Annie vive da lungo tempo una relazione abitudinaria con Duncan, fan
ossessivo dell’ormai sconosciuto musicista rock Tucker Crowe. L’uscita
del demo acustico di un album di successo di Tucker di venticinque
anni prima porterà a un incontro con il rocker che cambierà la vita di
tutti i protagonisti. “Juliet, Naked – Tutta un’altra musica”, tratto
dall’omonimo romanzo di Nick Hornby (2009, Ed. Guanda) è una commedia
sulle nuove chance che la vita ci offre.

Annie (Rose Byrne) vive una vita in stand-by. Gestisce un museo nella
cittadina marittima inglese dov’è cresciuta, è perennemente
preoccupata per la sorella Ros, giovane e irresponsabile, e trascina
da tempo una relazione con Duncan (Chris O’Dowd), docente
universitario di cultura pop. Duncan, invece, è completamente
assorbito dal rocker alternativo Tucker Crowe (Ethan Hawke) e dalla
sua misteriosa scomparsa dalle scene, avvenuta venticinque anni prima.
Dopo aver abbandonato la carriera, il musicista si è ritirato a vita
privata: adesso vive nel garage di una sua ex, a nord di New York, si
occupa del suo figlio più piccolo e sue giornate trascorrono tra fare
il bucato, giocare con i Lego e domandarsi come mai la sua vita non
sia andata proprio come si aspettava.
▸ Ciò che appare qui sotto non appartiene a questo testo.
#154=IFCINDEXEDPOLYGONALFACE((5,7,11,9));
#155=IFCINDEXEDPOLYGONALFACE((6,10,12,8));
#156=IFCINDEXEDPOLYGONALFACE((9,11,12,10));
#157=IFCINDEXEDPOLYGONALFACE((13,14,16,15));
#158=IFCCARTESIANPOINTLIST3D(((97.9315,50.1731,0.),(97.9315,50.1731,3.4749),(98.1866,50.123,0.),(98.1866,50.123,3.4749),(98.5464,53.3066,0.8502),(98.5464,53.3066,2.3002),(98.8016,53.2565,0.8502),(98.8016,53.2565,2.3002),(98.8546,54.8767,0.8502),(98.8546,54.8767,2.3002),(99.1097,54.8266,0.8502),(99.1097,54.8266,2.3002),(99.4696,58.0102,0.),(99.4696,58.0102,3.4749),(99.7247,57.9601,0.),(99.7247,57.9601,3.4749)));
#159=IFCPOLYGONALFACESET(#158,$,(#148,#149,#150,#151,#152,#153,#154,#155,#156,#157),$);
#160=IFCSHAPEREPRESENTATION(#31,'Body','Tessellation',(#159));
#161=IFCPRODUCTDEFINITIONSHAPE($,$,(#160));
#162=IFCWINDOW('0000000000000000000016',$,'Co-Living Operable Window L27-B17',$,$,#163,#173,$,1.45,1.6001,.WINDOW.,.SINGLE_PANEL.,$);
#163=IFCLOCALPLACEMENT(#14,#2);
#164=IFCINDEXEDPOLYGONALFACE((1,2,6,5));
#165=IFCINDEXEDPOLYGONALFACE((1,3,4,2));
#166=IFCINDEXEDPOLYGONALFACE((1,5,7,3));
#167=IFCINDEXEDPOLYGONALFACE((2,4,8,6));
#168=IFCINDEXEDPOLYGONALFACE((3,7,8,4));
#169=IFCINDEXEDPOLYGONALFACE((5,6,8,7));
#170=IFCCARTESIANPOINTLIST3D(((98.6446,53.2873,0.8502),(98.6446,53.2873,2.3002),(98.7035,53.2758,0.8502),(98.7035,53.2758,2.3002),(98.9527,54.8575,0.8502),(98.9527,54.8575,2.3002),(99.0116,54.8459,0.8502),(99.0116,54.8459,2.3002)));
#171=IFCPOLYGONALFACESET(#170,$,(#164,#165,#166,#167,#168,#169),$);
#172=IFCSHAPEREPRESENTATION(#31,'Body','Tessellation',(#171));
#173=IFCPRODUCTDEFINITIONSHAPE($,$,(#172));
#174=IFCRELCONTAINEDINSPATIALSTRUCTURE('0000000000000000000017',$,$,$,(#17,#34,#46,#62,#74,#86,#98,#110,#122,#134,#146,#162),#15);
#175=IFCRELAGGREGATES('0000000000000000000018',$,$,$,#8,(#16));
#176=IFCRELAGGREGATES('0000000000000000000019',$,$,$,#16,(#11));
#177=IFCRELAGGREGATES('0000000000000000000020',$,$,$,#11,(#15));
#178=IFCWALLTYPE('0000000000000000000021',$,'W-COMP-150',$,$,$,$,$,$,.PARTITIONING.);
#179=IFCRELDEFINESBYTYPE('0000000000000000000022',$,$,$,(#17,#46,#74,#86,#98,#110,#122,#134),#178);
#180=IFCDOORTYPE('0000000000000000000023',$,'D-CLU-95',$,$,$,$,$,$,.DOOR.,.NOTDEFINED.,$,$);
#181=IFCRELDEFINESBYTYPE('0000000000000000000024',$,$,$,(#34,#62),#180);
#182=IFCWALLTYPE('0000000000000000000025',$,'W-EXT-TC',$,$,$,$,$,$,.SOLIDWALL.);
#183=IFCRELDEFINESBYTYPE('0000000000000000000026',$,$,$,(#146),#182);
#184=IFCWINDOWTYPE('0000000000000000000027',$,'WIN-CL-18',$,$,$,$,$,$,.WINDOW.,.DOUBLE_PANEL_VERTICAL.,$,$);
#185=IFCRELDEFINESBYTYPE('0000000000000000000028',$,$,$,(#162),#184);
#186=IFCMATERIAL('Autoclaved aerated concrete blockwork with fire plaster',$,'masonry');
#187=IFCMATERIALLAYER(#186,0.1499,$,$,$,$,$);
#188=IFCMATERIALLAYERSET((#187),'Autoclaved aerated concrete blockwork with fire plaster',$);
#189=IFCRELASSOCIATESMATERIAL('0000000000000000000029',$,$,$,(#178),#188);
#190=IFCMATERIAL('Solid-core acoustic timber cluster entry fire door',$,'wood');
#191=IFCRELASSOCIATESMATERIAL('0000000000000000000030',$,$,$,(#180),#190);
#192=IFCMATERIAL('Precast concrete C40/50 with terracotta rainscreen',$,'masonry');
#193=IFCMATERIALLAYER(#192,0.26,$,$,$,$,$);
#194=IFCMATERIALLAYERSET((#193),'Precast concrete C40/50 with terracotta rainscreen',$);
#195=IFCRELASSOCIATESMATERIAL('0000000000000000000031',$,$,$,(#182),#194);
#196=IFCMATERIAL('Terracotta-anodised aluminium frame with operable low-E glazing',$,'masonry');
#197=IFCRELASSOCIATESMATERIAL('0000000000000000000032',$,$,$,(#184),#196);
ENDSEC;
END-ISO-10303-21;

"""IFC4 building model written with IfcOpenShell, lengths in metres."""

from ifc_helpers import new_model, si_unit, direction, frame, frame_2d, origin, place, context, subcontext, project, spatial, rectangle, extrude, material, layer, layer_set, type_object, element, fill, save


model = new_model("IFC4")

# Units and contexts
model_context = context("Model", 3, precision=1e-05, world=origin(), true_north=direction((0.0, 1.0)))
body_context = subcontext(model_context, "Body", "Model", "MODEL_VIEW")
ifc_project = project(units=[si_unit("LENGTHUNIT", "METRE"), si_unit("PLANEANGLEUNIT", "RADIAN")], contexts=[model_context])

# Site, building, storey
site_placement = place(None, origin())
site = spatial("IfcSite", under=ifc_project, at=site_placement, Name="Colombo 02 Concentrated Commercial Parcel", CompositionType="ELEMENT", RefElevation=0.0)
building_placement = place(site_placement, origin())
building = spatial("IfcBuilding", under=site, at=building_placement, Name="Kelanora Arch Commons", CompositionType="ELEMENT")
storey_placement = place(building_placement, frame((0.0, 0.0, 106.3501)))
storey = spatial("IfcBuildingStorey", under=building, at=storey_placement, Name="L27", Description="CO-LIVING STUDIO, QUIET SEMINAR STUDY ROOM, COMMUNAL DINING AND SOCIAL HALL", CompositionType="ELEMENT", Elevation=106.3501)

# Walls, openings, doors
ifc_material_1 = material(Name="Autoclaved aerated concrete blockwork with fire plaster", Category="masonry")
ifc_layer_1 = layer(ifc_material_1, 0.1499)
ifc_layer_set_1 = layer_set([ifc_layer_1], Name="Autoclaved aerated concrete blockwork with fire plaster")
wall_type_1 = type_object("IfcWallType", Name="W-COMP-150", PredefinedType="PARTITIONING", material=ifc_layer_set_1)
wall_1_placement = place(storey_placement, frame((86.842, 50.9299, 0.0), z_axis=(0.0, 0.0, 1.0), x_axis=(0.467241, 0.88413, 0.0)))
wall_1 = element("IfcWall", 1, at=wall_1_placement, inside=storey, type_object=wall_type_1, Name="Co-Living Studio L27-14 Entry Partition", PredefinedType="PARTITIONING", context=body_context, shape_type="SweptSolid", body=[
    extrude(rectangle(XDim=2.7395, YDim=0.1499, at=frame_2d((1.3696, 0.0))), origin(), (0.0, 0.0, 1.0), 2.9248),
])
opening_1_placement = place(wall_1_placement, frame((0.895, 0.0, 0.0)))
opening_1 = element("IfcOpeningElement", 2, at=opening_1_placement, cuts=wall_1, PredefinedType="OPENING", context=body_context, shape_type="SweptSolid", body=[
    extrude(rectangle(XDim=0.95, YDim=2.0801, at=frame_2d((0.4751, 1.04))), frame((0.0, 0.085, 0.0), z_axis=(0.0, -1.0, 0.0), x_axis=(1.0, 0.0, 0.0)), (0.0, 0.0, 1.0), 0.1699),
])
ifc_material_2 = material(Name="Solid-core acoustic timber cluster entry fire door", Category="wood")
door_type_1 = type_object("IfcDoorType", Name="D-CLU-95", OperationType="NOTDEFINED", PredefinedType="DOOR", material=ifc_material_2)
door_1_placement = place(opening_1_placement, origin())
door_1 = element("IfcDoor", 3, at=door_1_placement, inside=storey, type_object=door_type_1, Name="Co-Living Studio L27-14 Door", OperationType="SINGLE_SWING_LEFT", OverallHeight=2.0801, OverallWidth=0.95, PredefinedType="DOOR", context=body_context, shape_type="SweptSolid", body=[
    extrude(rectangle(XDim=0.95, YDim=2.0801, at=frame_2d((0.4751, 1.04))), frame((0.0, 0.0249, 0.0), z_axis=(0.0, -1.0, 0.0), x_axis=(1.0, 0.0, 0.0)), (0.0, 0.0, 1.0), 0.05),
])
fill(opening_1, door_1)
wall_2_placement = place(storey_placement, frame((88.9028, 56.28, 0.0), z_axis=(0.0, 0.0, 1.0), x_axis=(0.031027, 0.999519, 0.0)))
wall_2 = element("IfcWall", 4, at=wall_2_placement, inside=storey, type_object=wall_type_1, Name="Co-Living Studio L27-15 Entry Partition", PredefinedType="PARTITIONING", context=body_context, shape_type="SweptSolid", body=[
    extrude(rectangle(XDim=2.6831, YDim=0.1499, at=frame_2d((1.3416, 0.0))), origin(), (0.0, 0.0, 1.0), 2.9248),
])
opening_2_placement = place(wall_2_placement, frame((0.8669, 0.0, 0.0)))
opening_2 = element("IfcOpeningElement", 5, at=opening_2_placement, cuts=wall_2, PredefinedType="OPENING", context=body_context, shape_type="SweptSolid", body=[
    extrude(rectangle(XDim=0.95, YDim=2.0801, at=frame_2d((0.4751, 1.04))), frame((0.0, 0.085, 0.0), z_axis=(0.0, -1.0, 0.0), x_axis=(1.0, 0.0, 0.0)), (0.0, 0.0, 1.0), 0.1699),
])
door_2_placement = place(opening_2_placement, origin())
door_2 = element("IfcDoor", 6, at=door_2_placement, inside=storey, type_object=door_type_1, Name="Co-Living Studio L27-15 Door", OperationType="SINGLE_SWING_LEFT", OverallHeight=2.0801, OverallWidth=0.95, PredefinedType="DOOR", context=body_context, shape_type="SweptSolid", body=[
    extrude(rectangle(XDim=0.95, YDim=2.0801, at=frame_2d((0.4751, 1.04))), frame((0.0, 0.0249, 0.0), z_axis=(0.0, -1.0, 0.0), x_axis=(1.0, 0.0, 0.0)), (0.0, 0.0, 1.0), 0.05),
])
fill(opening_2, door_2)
Quando riemerge ‘Juliet, Naked’,
demo acustico dell’album di successo ‘Juliet’, che Tucker aveva
pubblicato venticinque anni prima, Duncan scrive una recensione
entusiasta della versione appena uscita. In un momento di ribellione,
Annie risponde postando la sua feroce stroncatura del demo. Con sua
grande sorpresa, Tucker apprezza la critica e le scrive un’e-mail per
ringraziarla. Ne segue un incontro che cambierà la vita dell’ex-star e
della fidanzata del suo più grande ammiratore.
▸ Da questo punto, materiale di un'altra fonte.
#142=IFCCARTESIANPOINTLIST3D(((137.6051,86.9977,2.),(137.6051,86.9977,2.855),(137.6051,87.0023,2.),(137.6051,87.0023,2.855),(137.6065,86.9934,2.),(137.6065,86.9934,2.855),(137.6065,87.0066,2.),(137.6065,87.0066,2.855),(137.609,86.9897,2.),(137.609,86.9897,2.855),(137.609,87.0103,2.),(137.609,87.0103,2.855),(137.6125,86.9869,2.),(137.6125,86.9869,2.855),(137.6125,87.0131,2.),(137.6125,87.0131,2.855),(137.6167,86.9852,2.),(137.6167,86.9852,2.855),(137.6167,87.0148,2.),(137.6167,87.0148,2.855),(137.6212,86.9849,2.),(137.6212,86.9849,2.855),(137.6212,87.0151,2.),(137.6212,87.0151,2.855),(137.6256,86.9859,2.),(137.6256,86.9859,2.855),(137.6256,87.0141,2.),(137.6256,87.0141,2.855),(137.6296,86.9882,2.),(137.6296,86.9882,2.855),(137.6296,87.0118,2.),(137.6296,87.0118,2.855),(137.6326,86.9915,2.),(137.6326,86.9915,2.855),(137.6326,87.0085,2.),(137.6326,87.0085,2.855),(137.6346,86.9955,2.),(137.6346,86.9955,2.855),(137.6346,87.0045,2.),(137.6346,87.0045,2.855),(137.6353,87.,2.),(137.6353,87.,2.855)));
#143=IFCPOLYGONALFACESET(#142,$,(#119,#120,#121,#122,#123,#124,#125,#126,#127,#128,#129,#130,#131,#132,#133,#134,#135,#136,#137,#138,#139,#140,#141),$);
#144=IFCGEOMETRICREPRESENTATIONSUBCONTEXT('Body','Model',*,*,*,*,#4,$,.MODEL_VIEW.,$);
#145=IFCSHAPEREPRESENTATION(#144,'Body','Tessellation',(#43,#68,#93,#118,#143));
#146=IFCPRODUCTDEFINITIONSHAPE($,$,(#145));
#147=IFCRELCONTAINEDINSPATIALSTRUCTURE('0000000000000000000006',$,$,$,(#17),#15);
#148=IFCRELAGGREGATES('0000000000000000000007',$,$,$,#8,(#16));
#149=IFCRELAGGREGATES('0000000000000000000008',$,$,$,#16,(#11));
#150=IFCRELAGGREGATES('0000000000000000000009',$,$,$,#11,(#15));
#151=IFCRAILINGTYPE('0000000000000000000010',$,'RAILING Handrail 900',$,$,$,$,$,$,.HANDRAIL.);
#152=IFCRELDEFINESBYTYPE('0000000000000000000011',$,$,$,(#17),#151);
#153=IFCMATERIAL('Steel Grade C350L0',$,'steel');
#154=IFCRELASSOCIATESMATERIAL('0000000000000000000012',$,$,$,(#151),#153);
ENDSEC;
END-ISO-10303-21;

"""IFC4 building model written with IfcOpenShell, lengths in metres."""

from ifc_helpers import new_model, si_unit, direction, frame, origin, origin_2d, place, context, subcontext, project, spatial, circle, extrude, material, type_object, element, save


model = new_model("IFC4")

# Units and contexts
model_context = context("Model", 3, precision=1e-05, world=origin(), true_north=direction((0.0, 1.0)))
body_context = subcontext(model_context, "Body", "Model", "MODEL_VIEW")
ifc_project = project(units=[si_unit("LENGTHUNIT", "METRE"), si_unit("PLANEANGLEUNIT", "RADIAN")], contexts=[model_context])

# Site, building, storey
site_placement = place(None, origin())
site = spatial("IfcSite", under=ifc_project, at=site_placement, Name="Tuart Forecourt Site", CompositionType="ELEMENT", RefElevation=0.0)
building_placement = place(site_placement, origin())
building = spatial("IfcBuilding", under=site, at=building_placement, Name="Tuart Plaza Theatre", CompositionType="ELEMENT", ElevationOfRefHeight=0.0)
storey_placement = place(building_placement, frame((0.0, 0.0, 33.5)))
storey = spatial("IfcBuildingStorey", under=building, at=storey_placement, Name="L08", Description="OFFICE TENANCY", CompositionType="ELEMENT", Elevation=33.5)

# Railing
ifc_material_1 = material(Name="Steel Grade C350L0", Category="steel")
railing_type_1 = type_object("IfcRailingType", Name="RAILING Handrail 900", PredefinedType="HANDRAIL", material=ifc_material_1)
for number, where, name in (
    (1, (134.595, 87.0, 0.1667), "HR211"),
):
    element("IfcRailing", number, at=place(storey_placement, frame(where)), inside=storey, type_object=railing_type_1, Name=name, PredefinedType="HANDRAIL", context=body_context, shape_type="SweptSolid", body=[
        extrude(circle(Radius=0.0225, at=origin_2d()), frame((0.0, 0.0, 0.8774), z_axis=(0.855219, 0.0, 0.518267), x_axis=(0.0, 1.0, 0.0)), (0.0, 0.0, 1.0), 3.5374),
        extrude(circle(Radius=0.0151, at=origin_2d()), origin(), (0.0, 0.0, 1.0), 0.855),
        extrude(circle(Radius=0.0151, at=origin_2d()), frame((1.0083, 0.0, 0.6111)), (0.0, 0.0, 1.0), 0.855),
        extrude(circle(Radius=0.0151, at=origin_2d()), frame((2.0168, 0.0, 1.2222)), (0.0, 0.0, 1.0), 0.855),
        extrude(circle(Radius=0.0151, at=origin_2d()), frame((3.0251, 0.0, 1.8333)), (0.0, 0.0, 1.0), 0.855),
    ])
Scrive Jesse Peretz nelle note di regia: «Tra “Alta Fedeltà” e “About
a Boy – Un ragazzo”, gli adattamenti dei romanzi di Nick Hornby sono
praticamente diventati un genere cinematografico a sé – un genere per
altro molto amato. Per i cineasti attratti dalle commedie realistiche,
come il sottoscritto, Nick Hornby è un vero punto di riferimento.
Anche “Juliet, Naked” presenta gli irresistibili tratti caratteristici
dell’autore: una forte ossessione per la cultura pop; dei personaggi
moderni, pieni di idiosincrasie e costruiti con empatia; una miscela
ben calibrata di umorismo e affetto velato; una prospettiva saggia
sulla natura della vita. Il fatto che la storia fosse incentrata su un
fandom musicale quasi folle mi ha fatto venire ancora più voglia di
vederla trasposta sullo schermo. Io stesso sono un fanatico della
musica, anche se sto guarendo (negli anni Ottanta sono stato anche il
primo bassista della band punk Lemonheads)».